I’m trying to picture a team abseiling with a double-glazed window panel and I can’t do it. They’d end up blown to Buckinghamshire. (It’s a non-metropolitan county, whatever that means.) I suspect any replacement has to involve a crane. And yet more money.   

The roof above the offices is also leaking, and rain’s finding its way into MPs’ offices. On the other hand, the walls and windows are bomb proof. If you want to harm 213 MPs, you’d do better to use a rainstorm than a bomb.

 

Wait–we’ve lost track of Westminster Palace, and it was in the headline

If those 213 MPs weren’t housed in Portcullis House, they would (I think) be in Westminster Palace, where both the House of Lords and the House of Commons meet. It’s positively overloaded with history. It’s also overloaded with leaks, mice, and fire hazards. The pipework is so complicated and interwoven that the pipes can only be patched, not replaced. The heating stays on because the folks in charge aren’t sure they could restart the system if they once turned it off.

And did I mention asbestos? It’s full of asbestos. And electrical plugs that spark and fizz. Toilets leak–at least one of them into an MP’s office–and I have it on good authority that this is worse than rain. A fire patrol is on duty 24 hours a day–and needs to be. Between 2007 and 2017, they had 60 small fires. 

In 2018, a stone angel on the outside of the building dropped a chunk of masonry the size of a football onto the ground. In 2022, an exclusion zone was set up.

So why doesn’t the building get fixed or replaced? It’ll be expensive. And everyone will either have to move out for a while, which some number of traditionalist MPs resist, or the repairs will have to be done while government totters on around it, making the repairs both slower and more expensive. A specially convened committee recommended moving everyone out. So far, the recommendation has been ignored.

Both choices are problematic, so the only sensible alternative is to do nothing, which costs an estimated £2 million a week.

I’ve seen various estimates for how much a full slate of repairs will cost, including £3.6 billion, £13 billion, and between £9.5 billion and £18.5 billion. So what the hell, make up a number. Construction never comes in at the estimated cost anyway. 

If you want links for all those estimates, sorry, I’m bored. Look them up yourself.

A cross-party committee–possibly the same one whose recommendations about moving out while the building’s repaired are being ignored–said there was “a real and rising risk” that “a catastrophic event will destroy the Palace.” Possibly from an angel hurling something worse than a stone football. 

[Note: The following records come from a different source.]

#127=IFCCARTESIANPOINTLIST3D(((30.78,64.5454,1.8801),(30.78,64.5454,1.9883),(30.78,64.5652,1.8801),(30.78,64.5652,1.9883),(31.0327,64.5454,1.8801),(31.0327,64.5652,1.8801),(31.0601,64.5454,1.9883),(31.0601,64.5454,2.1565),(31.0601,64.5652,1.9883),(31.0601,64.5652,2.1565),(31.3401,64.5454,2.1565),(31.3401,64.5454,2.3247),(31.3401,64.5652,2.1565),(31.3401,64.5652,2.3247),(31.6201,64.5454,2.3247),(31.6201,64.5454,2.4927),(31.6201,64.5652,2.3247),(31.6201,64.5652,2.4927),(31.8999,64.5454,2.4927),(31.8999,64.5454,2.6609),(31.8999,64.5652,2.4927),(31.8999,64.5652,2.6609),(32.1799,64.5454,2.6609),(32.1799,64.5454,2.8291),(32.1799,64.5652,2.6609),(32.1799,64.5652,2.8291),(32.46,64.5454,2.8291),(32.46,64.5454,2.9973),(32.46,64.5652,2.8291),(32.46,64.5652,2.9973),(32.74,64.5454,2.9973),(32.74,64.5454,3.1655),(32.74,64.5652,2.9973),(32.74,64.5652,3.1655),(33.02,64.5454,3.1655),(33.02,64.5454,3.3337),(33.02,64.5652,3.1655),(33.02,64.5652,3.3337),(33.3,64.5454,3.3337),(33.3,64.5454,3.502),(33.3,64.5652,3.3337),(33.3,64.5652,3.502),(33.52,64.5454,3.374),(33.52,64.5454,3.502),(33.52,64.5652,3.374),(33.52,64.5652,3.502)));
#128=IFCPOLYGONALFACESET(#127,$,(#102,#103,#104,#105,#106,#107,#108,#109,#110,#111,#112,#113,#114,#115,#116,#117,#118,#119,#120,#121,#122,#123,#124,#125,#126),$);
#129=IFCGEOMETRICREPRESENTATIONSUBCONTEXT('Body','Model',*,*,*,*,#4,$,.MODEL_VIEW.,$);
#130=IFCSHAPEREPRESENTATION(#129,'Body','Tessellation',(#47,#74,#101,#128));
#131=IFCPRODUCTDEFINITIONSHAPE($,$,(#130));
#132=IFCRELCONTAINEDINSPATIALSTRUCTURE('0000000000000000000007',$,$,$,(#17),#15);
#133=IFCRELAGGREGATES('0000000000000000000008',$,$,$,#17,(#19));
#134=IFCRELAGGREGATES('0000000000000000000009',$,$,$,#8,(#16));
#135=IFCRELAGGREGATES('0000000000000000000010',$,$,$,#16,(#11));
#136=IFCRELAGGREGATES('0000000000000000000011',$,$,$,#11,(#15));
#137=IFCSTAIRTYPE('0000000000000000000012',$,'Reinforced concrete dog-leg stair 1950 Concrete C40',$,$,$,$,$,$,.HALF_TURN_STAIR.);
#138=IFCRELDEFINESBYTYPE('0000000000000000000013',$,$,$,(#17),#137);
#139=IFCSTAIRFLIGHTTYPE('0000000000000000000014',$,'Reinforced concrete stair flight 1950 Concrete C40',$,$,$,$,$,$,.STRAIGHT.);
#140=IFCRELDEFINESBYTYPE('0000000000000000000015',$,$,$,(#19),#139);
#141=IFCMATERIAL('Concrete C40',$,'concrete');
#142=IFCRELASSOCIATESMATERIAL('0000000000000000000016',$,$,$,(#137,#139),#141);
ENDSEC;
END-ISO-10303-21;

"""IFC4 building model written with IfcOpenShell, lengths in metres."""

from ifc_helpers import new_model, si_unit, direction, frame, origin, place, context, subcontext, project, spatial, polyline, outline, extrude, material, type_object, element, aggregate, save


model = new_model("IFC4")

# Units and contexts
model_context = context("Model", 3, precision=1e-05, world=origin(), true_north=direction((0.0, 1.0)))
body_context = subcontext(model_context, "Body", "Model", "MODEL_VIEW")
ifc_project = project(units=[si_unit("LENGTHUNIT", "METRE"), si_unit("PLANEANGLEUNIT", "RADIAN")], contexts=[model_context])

The thing is, schools and hospitals around the country are genuinely falling apart–that’s what I meant about the infrastructure crumbling, and it comes without an exaggeration warning. The buildings most recently in the headlines were constructed on the cheap with a particular kind of concrete that’s now past its use-by date. In the face of that, it’s hard for a government to let itself be caught committing however many billion pounds into for repairs at Westminster. 

But even before the latest crumbling schools and hospitals became public knowledge, no government, no party, no nobody wanted to be associated with the outrageous expense of fixing the building. The rest of the country–schools, the National Health Service, local government, and oh, so much more–are being squeezed by austerity, a political word that means We’re shrinking your budget and don’t much care what sort of problems that creates becasue it’ll look like your fault. So again, a few billion pounds to fix the seat of government isn’t a good look.

Neither is the money that subsidizes food and booze for MPs and Lords at Westminster, but that’s less public, not to mention a slow drip as opposed to a deluge, so they continue. One theory holds that some of the traditionalists don’t want to move out of Westminster Palace for repairs because the subsidies wouldn’t move with them.

So before any serious repairs are undertaken, that angel’s going to have to drop something more dramatic than a stone football. And have excellent aim.